The UK is cautious about fracturing any relationships with the Saudi kingdom, With Brexit negotiations, the UK needs the fruitful relationship to balance the books. Saudi Arabia is a major importer of foreign services and the opportunity for British Intelligence and military are at an all-time high.
Saudi Arabia has had a long-running conflict with insurgents in Yemen; who have been firing missiles and causing conflict in the south of the country. The Saudi government are in constant need of military and International support to fight this conflict. Especially as Yemen is also suffering one of the worsts famines for a decade and the Saudi government is focussed on repairing the public damage to its image.
Saudi Arabia perceives Iran is a constant threat, and accuse the Iranians of being a major exporter of terrorism in the region, and will want to ensure their armed services are equipped well enough to deal with that threat.

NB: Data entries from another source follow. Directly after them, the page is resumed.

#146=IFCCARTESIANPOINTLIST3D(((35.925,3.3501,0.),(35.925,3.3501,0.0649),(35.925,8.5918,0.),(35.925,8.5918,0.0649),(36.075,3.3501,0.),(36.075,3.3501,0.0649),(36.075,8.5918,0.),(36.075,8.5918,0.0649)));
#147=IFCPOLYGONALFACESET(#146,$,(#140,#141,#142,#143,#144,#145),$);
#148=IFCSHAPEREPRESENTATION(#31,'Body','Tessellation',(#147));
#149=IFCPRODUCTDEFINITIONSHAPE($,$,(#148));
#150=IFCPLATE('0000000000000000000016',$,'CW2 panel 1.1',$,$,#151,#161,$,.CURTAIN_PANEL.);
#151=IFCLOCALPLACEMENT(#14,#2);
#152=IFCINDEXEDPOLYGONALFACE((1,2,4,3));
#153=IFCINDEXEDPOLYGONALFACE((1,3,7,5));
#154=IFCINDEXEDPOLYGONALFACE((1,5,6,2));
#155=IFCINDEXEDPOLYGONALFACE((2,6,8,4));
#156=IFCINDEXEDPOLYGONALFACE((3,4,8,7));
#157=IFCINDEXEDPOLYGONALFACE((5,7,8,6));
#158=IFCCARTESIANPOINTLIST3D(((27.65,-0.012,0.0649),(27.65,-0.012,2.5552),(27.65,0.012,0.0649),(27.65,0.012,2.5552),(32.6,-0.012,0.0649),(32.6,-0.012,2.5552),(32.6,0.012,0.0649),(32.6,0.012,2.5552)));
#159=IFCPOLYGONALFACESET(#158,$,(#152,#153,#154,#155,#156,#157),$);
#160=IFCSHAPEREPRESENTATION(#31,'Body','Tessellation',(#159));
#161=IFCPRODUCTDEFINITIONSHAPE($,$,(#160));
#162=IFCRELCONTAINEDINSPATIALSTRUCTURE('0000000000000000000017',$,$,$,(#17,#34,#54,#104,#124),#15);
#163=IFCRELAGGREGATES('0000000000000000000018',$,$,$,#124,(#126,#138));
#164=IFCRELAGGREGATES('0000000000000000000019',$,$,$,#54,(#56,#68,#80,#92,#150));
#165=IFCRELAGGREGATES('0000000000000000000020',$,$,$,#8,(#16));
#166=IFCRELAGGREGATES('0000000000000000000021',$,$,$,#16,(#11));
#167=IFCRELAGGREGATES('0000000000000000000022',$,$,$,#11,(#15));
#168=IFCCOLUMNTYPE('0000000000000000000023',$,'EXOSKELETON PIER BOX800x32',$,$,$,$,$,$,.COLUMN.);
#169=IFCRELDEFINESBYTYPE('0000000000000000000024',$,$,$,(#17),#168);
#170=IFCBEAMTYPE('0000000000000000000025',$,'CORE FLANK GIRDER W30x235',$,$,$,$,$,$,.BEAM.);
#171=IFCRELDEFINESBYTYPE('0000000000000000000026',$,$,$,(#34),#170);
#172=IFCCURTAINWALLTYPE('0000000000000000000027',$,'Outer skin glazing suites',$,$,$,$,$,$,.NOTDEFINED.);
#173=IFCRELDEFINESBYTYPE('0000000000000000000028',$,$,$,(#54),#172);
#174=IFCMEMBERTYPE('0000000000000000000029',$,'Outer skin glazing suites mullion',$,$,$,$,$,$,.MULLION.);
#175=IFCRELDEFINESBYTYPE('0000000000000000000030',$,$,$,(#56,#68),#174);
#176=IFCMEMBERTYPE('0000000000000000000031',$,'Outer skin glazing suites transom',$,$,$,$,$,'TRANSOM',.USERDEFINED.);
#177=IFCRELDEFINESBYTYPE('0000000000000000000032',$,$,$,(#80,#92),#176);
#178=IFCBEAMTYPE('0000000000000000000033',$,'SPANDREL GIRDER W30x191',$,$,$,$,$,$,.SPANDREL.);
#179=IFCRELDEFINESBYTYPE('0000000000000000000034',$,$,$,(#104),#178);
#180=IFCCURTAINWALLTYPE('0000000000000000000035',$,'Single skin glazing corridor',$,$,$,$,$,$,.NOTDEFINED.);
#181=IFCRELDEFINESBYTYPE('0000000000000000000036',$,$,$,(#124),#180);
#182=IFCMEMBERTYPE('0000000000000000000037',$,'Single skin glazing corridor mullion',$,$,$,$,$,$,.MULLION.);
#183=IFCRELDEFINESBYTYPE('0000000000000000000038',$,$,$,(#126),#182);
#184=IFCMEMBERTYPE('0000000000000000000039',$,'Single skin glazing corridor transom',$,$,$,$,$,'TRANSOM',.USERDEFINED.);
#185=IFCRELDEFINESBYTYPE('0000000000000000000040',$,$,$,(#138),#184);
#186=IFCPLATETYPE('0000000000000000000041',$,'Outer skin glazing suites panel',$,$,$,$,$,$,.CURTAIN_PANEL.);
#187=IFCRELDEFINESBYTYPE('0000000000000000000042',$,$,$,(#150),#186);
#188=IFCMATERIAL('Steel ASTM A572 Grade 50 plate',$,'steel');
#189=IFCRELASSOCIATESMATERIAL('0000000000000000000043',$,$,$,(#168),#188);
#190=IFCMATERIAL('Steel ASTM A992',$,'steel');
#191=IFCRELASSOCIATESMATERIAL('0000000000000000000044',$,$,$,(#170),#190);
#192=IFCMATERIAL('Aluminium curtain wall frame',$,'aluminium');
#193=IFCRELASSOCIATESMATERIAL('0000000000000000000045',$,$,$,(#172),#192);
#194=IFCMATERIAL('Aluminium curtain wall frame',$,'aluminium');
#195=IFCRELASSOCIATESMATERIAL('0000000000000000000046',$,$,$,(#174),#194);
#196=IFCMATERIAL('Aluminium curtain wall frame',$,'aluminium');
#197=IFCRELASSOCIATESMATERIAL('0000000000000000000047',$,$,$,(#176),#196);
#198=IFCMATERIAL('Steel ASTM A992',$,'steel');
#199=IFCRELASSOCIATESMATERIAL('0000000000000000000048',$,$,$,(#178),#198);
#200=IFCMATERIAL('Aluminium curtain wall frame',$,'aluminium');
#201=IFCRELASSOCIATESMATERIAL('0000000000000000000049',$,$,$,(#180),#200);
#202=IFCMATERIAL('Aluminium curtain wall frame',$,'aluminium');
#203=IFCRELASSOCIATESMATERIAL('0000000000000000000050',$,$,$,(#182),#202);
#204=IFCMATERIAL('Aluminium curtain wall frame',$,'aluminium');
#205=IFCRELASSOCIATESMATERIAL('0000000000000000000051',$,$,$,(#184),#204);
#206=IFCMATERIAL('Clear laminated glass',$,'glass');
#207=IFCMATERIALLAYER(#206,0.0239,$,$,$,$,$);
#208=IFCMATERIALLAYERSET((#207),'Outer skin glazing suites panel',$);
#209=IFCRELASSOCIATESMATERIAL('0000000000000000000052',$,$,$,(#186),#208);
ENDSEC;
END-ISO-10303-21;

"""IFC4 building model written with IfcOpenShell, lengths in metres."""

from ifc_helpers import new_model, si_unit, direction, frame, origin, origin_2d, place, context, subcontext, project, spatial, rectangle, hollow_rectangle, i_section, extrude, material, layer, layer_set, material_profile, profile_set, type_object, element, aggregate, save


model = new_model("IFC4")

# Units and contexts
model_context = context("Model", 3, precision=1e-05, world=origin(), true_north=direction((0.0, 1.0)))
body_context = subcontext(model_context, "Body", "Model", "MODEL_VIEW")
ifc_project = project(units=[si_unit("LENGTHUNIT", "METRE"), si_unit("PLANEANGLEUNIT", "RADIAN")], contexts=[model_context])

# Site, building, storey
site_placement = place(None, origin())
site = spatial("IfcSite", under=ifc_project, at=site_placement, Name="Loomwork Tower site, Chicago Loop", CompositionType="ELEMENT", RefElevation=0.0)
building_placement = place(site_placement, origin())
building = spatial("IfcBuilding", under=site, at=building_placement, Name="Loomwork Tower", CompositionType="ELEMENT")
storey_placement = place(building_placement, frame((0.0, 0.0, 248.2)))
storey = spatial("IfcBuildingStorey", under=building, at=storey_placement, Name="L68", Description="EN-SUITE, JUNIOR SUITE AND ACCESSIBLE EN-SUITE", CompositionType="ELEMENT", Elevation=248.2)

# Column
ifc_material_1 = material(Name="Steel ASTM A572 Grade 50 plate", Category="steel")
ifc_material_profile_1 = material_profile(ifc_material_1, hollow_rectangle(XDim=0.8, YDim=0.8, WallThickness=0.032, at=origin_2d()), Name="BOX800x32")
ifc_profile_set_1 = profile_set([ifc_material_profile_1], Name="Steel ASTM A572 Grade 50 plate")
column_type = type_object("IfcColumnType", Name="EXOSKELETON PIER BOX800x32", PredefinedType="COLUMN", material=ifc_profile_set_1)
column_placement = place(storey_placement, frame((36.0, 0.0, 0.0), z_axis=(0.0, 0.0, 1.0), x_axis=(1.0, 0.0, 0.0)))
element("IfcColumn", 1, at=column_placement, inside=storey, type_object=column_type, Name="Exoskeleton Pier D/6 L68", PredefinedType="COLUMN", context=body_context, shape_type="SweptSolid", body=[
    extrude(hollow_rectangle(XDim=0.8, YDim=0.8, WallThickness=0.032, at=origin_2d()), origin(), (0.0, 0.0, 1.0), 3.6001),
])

Having, the international support to keep sanctions on the Iranians allows the Saudi to exert there influence in the region with little or no recourse.
The relationship is important to the UK and one that the UK is careful, not fracture, even upon the compromise of their principles. Hunt is also touring other regions in the middle east and visited Muscat where he signed a joint declaration on UK-Omani relations and met Houthi militia spokesman Mohamed Abdul Salem.
He will finish the tour with a visit to the UAE.